A Data Science Central Community
The purpose here is to show that with big data, the risk associated with spurious correlations is high. If you are anti big-data (you don't like the hype), this is your chance to make a valid point about reckless processing of big data.
Assume we have n = 5,000 variables uniformly and independently distributed on [0,1]. In short, they are not correlated, by design. Let k be the number of observations or data points.
Figure 1: Funny discussion about spurious correlations
Let's start with k = 4 and the dummy variable X = (0.20, 0.40, 0.60, 0.80). Simulate n = 5,000 variables and compute how many will have a correlation with X above p = 0.75, in absolute value. A theoretical solution might also be available. Simulations can even be done using Excel.
More complicated exercise:
Among all n(n-1)/2 correlations between these n simulated independent variables, how many will be higher than p in absolute value, theoretically? Let f(n, k, p) be this number. Can you draw the function f, maybe for different values of p?

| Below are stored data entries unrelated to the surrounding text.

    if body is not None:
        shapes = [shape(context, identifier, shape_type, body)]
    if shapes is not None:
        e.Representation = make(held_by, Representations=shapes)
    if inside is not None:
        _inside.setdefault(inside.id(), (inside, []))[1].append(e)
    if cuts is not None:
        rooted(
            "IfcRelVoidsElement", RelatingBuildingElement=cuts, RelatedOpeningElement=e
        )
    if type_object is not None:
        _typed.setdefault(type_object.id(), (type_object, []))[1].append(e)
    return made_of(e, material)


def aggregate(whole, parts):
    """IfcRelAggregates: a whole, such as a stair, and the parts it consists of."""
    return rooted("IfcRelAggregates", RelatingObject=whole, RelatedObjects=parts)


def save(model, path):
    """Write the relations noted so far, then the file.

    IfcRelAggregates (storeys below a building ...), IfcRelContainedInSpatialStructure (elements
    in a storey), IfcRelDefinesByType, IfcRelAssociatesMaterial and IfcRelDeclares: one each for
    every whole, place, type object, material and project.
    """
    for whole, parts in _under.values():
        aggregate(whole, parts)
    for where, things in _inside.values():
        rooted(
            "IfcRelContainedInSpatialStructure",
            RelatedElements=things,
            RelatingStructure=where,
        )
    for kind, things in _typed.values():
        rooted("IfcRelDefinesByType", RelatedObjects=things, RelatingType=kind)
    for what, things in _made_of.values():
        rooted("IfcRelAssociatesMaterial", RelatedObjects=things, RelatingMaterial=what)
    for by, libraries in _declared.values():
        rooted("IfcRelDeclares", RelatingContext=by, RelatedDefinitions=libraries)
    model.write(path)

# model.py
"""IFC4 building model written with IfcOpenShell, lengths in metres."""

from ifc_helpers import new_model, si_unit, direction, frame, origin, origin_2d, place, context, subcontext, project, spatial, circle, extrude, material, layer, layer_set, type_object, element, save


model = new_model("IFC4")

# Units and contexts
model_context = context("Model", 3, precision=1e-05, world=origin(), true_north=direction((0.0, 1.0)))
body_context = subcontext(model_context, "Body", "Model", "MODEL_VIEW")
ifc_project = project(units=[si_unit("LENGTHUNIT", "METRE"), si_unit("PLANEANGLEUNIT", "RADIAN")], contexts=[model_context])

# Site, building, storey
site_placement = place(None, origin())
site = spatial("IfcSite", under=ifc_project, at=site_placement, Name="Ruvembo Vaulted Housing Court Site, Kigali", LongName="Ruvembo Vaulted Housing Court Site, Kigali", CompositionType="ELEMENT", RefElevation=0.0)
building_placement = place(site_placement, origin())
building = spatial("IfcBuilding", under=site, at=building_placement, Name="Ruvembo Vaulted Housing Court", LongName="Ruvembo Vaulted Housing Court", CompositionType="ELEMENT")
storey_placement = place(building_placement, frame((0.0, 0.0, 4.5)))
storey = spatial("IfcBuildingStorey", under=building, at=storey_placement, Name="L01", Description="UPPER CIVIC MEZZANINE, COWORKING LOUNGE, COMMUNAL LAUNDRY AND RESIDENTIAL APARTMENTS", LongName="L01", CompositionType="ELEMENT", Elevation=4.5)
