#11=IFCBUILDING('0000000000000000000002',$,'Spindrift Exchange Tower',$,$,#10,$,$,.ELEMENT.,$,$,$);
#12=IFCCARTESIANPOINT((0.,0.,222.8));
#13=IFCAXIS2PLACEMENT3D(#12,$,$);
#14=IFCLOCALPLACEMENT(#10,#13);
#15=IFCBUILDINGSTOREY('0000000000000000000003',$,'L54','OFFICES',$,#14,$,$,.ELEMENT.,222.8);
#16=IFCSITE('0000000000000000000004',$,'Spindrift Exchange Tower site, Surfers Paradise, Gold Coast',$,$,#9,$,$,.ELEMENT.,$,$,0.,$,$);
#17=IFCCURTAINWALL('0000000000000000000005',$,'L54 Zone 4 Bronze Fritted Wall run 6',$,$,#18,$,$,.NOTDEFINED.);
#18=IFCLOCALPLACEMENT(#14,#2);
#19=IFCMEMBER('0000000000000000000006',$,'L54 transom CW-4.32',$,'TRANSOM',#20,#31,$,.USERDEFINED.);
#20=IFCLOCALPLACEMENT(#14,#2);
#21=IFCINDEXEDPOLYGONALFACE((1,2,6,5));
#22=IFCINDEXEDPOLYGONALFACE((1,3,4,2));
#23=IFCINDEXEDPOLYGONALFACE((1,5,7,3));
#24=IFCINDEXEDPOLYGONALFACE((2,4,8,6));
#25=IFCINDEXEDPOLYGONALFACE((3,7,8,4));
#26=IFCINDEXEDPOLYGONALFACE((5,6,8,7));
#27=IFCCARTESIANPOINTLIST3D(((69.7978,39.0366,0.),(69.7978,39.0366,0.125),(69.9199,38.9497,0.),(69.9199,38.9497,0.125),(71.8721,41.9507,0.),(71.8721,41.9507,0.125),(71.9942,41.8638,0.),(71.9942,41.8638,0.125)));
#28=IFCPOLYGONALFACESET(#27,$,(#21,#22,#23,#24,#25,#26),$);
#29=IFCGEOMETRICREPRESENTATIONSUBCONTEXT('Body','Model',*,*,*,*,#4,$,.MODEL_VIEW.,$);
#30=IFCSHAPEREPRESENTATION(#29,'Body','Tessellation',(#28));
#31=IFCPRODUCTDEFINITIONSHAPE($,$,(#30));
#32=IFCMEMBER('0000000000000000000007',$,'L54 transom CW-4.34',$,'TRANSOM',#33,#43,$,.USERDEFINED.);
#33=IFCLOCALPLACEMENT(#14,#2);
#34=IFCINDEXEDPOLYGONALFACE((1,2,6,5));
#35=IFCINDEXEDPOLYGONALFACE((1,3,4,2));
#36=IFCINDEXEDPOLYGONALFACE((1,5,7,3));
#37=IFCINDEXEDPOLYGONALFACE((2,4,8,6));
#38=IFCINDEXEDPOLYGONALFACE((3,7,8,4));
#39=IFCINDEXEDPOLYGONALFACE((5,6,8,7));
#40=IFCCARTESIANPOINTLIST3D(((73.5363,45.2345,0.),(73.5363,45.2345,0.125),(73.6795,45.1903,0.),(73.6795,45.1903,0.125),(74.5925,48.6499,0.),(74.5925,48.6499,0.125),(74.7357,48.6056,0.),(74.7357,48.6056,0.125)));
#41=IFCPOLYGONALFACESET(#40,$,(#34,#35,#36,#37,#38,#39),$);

PS: Next week challenge will probably involve correlations on a circle or on a sphere.
You can get spurious correlations with small data, too. The odds are higher with big data, but if the analyst doesn't understand the problem the volume of data is irrelevant.
Here's a very interesting fact. I computed the correlations between n = 100,000 uniformly distributed, independent (simulated) random variables on [0, 1] each with k = 4 observations, and the seemingly non-random (artificial) observed vector X = (0.2, 0.4, 0.6, 0.8).
By design, these n = 100,000 correlations should all (theoretically) be equal to 0. It turns out that 20% of them have an absolute value above 0.80, indicating a strong correlation with X. Enough said, check out the results by yourself in this Excel spreadsheet (8 MB compressed with gzip).
These numbers are barely unchanged if you replace X = (0.2, 0.4, 0.6, 0.8) by X = (0.0, 0.0, 0.0, 0.25) or by any arbitrary 4-D vector with components between 0 and 1. So how do you come up with a better correlation definition to eliminate spurious correlations in big data? That's the subject of our next article, and we will see that it's a bit easier if k is bigger than 4. In short, the new correlation is robust; it is a blend of standard (robust) regression with comparison of the two auto-correlations of lag 1 (and maybe also lag 2) associated with the two time series being compared. More on this later. This is the kind of techniques that will be used in automated data science.
The graphical display of the "voters" data presented by Dr. Granville is very impressive. However, I do not quite see how one comes to conclude that one will try to study the Correlation aspect of this Data? What I see is a two-dimensional representation of a large set of Data, with a two way dichotomy resulting in four quadrants. Each quadrant contains clusters of individuals who are either democrats or republicans and voted or did not vote. As an applied Statistician and not a Data Scientist, (let me emphasize that, before I get into another big trouble,) what I see is a data set with Conditional events. The normal question for a Statistician (me) will be, What is the probability that a person selected at random from this set of Data, is a republican who voted and likes Bud? Obviously it is a conditional probability that can be derived from the data. And visually that can perhaps be represented with an additional little graph of a Bayesian Decision Tree, as the data keeps on growing and the size of the cluster changes. So continuous updating of the prior knowledge with the incoming data will be advisable to derive the posterior conditional probabilities.
I would not even venture after the study the correlation. It will yield nothing. Instead, I will try to find out if the voter was a male or a female and from which age group and likes what kind of the Beer?
In other words refine the data collection procedure. That, will need to redesign the original table, or perhaps add branches to the Bayesian Network representation prior to the dichotomy, namely the political affiliation of individuals.
I cannot overlook the fact, that the data is time dependent, for example, a new beer brand suddenly becomes popular or the number of registered voters change. I would be interested as a Statistician, of course, and emphasizing again not as a data scientist, to find out how the voting records of individual develops over time and how the clusters reshape. These are events that are Conditional in a Probabilistic sense.
It all depends on what is the final objective of the study?
Objective of a Data Scientist might be entirely different from that of a Statistician, now that I know one is not necessarily the same as the other.